Pemberian dana talangan umroh ini dapat menimbulkan permasa­lahan baru karena dana talangan ini haruslah bebas dari yang nama­nya riba. Berangkat haji maupun umroh tentu harus dengan harta yang bersih sehingga diharapkan haji atau umroh berjalan baik dan menjadi ibadah yang diterima Allah swt. Persoalannya adalah apakah orang yang umroh dengan dana talangan ini termasuk orang yang berhutang? Talangan disini tentunya menda­hulukan uang un­tuk membayar sesuatu atau meng­hutangi.

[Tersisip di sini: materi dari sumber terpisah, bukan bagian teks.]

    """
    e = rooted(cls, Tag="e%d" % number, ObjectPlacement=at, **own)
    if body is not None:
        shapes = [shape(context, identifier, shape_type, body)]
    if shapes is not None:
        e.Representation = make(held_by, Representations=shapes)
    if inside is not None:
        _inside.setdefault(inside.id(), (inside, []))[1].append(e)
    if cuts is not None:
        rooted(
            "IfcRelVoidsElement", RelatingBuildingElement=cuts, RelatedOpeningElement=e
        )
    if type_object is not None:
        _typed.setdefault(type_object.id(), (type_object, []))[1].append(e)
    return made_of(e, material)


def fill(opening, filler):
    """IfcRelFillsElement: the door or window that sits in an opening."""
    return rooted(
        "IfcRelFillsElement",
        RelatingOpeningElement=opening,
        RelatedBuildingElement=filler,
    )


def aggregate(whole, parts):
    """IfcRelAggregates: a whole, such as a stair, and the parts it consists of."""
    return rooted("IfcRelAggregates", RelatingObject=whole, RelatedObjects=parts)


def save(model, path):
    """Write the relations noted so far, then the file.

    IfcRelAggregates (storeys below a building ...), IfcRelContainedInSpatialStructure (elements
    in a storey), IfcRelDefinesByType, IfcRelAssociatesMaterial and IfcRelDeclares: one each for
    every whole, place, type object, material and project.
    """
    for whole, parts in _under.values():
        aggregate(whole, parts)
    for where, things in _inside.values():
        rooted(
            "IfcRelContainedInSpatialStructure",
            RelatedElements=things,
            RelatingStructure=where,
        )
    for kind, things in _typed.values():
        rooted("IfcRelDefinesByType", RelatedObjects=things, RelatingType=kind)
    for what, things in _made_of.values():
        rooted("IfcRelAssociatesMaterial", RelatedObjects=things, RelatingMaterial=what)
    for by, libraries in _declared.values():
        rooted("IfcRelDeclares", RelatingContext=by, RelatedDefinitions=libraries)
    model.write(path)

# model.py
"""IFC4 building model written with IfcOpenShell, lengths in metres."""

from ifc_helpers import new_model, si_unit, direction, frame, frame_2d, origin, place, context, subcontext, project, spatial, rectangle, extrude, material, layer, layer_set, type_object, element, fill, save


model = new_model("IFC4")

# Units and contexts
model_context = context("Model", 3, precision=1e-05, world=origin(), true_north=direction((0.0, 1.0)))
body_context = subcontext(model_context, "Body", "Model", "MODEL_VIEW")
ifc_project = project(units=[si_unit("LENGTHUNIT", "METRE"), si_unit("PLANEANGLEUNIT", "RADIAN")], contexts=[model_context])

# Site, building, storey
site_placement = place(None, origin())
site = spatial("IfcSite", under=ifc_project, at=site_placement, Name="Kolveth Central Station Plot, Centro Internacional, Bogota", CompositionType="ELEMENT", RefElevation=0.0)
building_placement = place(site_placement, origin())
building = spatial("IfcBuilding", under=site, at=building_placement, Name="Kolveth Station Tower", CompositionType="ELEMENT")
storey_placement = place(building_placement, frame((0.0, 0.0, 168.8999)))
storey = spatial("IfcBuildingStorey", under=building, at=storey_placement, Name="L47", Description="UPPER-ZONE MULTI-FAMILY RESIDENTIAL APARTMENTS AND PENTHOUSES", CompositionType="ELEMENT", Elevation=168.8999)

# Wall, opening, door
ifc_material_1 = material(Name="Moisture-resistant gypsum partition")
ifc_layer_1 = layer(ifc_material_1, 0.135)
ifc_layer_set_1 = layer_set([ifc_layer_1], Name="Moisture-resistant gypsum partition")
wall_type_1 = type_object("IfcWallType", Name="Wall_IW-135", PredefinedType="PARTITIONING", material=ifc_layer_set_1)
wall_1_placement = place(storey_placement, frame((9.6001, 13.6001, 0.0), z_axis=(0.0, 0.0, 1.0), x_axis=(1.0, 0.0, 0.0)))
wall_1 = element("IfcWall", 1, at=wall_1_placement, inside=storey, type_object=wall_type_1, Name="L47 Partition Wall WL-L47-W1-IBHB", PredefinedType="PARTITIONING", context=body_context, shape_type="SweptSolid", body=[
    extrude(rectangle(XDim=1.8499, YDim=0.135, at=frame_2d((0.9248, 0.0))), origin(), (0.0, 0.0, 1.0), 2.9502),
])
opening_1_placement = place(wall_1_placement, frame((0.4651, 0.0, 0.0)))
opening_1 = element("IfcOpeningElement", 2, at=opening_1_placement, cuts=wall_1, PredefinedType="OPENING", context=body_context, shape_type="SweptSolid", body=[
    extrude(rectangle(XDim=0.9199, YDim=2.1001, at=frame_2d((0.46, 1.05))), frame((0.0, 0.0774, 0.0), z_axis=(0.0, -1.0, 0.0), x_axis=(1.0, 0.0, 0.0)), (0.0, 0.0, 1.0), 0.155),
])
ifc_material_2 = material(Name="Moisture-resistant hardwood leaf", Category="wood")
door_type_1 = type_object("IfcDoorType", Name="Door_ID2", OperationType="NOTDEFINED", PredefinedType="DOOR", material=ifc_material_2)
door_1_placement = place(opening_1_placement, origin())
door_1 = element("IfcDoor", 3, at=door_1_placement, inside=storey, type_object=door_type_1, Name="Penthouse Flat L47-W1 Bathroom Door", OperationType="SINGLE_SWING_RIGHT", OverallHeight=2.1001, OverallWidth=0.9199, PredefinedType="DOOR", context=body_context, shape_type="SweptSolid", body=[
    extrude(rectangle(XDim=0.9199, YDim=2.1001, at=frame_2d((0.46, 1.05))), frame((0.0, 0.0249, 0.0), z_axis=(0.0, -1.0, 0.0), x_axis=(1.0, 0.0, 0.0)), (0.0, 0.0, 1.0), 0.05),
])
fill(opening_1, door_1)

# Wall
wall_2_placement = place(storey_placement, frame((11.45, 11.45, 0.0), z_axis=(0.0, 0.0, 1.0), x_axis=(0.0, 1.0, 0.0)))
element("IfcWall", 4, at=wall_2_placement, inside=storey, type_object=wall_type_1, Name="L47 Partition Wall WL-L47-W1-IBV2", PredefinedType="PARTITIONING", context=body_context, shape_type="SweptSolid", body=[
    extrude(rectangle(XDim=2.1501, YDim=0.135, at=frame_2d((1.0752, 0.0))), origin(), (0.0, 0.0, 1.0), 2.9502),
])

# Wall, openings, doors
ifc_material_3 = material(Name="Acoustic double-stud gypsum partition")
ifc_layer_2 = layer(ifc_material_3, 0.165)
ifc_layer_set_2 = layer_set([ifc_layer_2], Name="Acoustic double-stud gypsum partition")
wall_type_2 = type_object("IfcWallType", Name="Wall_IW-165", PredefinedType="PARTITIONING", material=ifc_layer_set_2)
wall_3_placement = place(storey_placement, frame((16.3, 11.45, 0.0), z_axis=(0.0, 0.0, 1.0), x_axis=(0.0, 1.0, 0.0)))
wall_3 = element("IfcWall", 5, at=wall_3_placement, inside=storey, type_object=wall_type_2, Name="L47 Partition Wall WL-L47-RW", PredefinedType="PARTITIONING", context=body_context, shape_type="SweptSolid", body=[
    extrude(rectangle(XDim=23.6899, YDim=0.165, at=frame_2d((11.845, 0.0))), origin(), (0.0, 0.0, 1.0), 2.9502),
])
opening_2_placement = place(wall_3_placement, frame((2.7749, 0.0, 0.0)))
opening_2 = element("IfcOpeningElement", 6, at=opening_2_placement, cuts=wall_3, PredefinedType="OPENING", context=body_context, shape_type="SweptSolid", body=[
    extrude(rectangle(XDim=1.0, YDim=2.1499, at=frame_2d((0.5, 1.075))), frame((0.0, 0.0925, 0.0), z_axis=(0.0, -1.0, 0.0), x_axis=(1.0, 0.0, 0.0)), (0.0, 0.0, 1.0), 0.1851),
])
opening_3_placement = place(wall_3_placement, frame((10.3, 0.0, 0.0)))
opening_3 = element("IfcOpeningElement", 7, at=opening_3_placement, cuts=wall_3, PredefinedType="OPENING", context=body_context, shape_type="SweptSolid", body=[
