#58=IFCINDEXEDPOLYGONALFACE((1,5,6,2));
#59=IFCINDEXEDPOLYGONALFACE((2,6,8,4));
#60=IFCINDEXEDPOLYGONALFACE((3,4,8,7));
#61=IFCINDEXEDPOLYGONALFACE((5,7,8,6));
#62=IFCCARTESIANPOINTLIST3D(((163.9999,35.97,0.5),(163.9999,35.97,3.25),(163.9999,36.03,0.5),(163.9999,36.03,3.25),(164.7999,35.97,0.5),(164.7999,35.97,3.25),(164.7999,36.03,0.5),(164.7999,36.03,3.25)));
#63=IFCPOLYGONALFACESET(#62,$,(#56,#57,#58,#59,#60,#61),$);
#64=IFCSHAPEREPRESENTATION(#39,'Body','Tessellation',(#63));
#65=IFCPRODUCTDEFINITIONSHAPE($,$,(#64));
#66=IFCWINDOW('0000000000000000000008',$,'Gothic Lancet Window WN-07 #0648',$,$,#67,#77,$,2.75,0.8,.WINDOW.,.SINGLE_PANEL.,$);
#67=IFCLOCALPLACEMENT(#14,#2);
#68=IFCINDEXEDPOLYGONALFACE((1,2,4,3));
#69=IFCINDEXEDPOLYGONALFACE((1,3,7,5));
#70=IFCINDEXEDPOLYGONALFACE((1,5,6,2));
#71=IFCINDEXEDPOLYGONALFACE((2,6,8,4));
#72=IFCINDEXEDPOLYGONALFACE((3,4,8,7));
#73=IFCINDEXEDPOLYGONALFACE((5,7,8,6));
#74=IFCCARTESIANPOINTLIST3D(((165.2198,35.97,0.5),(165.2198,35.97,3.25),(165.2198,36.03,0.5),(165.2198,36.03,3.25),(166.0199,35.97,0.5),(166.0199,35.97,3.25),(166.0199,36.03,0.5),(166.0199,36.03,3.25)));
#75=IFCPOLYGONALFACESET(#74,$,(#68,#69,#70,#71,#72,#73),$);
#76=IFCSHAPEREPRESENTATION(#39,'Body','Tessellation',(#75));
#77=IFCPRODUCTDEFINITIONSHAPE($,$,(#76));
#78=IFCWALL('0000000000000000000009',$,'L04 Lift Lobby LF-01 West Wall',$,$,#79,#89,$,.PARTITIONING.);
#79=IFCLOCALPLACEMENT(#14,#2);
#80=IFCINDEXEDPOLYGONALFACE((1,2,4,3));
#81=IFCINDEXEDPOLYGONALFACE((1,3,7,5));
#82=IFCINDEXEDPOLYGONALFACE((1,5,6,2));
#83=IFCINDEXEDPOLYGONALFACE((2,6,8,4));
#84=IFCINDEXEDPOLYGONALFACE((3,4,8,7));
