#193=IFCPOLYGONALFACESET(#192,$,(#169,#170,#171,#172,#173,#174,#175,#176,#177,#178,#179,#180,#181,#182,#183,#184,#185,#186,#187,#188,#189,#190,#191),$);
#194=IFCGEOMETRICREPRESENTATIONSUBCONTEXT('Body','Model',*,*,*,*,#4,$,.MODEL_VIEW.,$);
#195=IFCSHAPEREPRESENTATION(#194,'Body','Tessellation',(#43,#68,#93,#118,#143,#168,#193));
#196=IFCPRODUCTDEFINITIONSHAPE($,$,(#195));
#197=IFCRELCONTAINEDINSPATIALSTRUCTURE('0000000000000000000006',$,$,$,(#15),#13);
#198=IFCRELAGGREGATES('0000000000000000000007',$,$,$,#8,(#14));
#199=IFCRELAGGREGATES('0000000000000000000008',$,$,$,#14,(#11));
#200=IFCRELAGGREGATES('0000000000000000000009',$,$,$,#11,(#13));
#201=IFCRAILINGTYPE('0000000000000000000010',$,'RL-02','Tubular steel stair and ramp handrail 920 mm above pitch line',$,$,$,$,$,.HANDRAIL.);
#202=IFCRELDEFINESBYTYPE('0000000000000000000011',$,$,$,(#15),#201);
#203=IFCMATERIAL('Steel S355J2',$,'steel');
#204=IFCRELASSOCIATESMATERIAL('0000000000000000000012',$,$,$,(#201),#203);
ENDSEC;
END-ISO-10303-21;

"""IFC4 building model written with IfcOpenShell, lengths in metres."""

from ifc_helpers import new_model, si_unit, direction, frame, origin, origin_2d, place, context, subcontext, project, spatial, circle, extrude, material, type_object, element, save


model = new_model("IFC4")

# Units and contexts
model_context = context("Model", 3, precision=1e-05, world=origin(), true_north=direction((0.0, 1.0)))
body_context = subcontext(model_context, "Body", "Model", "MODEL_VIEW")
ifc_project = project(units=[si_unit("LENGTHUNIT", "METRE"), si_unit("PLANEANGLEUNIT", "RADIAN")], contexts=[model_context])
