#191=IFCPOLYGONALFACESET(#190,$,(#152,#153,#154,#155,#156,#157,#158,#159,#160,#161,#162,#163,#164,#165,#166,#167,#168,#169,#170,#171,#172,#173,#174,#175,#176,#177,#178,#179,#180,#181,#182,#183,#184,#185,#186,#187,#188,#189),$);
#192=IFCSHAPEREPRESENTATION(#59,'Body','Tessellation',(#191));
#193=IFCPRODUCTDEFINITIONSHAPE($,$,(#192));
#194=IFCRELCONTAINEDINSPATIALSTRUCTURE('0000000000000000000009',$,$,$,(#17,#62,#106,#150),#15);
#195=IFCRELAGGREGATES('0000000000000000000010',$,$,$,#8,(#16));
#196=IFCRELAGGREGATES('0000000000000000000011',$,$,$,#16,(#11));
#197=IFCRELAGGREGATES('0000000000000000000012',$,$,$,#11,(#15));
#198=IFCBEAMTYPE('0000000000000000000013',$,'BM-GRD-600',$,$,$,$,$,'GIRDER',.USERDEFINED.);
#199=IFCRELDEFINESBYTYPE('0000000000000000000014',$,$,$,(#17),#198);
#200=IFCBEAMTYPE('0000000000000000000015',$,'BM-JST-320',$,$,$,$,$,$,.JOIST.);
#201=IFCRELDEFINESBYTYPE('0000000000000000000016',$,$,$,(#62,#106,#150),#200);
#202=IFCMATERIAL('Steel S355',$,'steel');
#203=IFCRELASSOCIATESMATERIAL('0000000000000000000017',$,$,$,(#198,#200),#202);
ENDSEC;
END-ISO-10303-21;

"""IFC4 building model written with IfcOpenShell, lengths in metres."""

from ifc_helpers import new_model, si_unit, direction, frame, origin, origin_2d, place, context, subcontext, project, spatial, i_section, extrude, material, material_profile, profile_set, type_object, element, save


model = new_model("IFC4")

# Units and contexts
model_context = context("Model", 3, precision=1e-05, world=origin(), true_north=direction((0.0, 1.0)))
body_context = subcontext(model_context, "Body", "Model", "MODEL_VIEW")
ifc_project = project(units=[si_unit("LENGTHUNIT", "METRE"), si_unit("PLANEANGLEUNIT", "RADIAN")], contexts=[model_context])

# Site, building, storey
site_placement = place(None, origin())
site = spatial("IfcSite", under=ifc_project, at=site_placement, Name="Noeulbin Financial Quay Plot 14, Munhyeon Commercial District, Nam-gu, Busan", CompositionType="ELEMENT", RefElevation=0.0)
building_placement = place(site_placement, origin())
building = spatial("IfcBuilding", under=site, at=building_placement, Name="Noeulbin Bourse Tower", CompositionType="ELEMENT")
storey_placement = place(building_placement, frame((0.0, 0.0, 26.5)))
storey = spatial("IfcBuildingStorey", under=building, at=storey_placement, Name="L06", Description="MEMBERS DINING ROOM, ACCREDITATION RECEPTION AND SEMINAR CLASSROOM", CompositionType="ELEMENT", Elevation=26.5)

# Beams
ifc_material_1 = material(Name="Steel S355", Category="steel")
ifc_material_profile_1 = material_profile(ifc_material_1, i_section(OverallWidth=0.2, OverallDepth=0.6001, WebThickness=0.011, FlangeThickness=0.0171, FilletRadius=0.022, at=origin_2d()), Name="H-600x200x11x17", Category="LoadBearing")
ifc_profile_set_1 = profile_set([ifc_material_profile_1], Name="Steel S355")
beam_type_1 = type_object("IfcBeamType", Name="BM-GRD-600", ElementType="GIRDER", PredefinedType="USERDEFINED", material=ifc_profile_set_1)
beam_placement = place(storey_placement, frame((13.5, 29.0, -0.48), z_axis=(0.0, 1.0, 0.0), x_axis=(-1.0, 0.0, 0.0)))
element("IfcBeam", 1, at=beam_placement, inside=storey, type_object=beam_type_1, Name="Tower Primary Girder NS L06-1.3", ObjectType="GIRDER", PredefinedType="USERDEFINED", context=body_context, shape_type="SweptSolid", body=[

Dalam hutang piu­tang akadnya adalah tabarru’ atau murni tolong meno­long. Pihak yang memberikan hutang tidak dibe­­narkan mengambil keuntu­ngan. Nah, apakah dalam hal ini bank atau pemilik dana mau mem­berikan hutang tanpa men­dapatkan keuntungan? Bukankah bank menyiapkan produk talangan umroh untuk mencari keuntungan? Apakah pelayanan ini tidak berten­tangan dengan apa yang dijelaskan oleh Rasulullah Saw bahwa meng­hutangi orang dengan mengambil keuntungan termasuk riba. Se­mentara kita ketahui riba termasuk dosa besar yang membinasakan dan harus dijauhi, bahkan pelaku­nya yang tidak segera berhenti ditantang perang oleh Allah swt dan RasulNya sebagaimana ter­mak­tub dalam al-Qur’an surah al-Baqarah ayat 278-279. Mengapa orang yang belum mampu, malah didorong untuk berhutang demi melaksanakan umroh yang hukum­nya tidak wajib. Niat yang suci ingin beribadah malah terjerumus ke dalam dosa.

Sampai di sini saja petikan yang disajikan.